Psycho (1998)

Please! Do Not Reveal the End of This Picture… again

I was sorely tempted to dig up the old James Agee review of Psycho from 1960, change a few adjectives and update the references – but I doubt anybody would get the joke.

Director Gus Van Zandt has given a lot of reasons (defenses) as to why he made a remake of Psycho. He wanted to know what it was like to make that movie. He was thinking that a lot of young people have never seen it and he wanted to show it to them. And of course: why not? But I tend to think of it more in terms of an analogy he made to a band doing a straight cover of a classic recording.

This is something that’s never been done before. Sure, there’ve been filmmakers who have remade films as close to the original, especially to take advantage of new technology, such as when they reshot The Unholy Three in sound. But here we have a case of another artist reproducing the work of a genius, for little more reason than curiosity’s sake.

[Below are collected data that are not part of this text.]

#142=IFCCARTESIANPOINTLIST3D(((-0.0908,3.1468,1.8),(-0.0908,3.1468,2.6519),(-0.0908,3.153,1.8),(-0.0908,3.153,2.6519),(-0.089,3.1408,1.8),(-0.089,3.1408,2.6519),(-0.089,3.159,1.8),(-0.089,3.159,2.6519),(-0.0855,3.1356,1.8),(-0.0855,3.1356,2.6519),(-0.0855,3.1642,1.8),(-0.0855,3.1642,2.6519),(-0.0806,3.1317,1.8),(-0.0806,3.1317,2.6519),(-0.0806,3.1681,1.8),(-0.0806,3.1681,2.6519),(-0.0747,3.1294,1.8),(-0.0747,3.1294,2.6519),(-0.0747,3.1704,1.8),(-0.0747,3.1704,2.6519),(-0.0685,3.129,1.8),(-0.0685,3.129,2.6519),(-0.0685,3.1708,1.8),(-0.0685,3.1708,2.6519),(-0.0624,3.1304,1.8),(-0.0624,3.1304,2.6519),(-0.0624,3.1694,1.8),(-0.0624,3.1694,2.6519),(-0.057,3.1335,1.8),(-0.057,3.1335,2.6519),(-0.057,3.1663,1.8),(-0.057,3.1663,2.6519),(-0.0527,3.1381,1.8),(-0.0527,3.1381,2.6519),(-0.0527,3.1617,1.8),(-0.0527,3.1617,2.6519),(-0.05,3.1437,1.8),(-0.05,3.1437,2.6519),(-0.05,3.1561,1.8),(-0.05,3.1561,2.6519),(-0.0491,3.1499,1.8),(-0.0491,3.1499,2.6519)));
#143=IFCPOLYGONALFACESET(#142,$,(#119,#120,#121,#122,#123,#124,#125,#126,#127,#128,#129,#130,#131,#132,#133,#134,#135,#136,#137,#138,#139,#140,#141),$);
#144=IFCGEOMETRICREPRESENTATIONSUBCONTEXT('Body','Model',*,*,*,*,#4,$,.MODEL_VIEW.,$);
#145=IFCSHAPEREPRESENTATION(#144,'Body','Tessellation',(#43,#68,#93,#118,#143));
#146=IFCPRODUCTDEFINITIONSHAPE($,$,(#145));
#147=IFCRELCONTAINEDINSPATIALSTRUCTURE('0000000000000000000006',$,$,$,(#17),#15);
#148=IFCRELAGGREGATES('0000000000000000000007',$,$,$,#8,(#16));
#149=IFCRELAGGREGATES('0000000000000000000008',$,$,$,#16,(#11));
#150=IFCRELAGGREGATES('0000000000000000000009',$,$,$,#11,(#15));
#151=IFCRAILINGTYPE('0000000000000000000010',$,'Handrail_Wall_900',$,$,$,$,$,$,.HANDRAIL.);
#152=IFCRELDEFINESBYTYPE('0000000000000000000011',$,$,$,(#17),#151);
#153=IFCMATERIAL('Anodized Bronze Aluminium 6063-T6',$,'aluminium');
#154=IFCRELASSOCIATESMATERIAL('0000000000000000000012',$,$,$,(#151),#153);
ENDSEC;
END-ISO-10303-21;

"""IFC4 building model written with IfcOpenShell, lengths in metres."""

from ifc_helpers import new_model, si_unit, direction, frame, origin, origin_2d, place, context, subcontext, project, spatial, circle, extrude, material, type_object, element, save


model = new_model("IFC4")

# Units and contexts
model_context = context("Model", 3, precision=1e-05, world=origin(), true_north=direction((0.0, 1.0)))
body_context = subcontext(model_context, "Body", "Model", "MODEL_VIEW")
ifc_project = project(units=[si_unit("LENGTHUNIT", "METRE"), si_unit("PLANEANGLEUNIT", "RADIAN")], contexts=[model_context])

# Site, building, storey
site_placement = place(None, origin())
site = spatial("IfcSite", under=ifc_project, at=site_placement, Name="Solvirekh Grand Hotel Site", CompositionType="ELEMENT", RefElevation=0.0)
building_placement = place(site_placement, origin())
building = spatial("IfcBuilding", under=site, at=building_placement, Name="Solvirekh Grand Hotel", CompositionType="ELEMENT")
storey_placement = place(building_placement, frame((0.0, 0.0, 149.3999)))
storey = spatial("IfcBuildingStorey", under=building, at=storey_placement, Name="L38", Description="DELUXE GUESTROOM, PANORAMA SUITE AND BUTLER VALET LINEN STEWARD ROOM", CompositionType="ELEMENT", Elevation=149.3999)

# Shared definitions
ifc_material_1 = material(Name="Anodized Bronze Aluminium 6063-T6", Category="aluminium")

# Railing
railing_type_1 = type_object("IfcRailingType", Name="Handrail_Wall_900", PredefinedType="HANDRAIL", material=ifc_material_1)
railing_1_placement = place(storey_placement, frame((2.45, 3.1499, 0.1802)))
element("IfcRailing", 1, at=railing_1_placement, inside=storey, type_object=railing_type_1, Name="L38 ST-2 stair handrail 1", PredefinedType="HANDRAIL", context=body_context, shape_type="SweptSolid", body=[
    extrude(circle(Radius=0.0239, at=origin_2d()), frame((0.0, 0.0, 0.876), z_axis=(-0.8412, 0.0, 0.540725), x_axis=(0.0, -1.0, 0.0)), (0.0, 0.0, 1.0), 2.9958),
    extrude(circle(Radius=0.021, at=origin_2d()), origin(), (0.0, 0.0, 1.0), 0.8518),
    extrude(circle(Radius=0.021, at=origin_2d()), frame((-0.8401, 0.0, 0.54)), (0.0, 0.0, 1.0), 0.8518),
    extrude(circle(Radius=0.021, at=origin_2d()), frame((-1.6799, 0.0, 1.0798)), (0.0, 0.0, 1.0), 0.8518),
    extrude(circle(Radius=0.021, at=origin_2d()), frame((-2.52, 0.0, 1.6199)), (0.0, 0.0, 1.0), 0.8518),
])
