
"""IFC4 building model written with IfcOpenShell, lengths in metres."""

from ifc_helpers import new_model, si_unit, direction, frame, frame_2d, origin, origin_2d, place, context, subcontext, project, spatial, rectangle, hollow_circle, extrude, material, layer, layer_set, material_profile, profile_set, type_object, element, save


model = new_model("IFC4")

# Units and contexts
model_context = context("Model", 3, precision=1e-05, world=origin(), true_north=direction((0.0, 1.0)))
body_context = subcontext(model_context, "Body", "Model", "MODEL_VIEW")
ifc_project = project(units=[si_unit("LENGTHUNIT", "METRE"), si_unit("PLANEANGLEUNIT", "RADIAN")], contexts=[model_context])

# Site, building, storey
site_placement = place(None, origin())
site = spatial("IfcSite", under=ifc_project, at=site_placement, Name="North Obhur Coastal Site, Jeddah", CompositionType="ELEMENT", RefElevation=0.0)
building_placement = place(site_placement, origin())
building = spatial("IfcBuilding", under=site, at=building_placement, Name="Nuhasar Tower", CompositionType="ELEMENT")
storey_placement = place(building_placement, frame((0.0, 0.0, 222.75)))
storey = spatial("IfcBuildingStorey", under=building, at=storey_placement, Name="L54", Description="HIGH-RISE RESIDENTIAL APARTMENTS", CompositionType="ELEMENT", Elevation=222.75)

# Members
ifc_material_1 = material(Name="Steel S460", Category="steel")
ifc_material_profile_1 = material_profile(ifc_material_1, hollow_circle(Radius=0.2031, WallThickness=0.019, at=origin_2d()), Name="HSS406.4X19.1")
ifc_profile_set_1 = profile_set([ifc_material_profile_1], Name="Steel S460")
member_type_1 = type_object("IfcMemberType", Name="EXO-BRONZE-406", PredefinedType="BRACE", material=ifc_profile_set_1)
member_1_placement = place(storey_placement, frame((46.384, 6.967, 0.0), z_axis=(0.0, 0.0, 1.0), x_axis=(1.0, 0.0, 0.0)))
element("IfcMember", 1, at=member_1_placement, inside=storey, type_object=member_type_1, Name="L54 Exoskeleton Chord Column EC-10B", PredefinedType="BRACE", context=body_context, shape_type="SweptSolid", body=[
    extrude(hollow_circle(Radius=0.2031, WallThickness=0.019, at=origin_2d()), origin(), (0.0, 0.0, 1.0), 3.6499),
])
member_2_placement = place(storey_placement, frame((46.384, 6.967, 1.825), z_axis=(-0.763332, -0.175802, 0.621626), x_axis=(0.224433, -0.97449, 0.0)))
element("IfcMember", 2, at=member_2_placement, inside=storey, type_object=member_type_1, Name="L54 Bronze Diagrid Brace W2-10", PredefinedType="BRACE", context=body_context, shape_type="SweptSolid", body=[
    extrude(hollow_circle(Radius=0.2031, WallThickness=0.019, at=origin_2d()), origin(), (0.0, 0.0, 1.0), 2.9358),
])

I’ll admit, I’m game for any bit of cinematic oddity. Van Zandt’s Psycho is a singular work precisely because it’s such a copy – the experience surely works for those who have never seen the original, and I saw plenty of patrons jumping in their seats at the screening I attended – but it also works in a completely different way for those of us that are very familiar with it.

Here is a thriller that I’ve seen many times before, yet this is also the first time. The turns of the plot hold no suspense, other than wondering where Van Zandt will stray from the template. Yet, I found myself growing fond of Anne Heche’s Marion Crane just as I had Janet Leigh’s, however I was totally resigned to the fact that she would have to go. Vince Vaughn’s acting suffers in comparison to Anthony Perkins. He makes a stab at doing something different, playing Norman Bates as more of a giggly misfit, but comes off something akin to a tall, broad-shouldered Peter Lorre. Julianne Moore truly scores by fleshing out and loosening up the part of the tight-ass sister, making Vera Miles’ original interpretation seem frigid while pushing Viggo Mortensen into the scenery.

Overall, this is an interesting but forgettable way to spend a couple of hours – hardly worth the uproar. Remember how riled up people got in the ’70s over the remake of King Kong? Not many do, and not many will think too much about this year’s Psycho in a decade or two.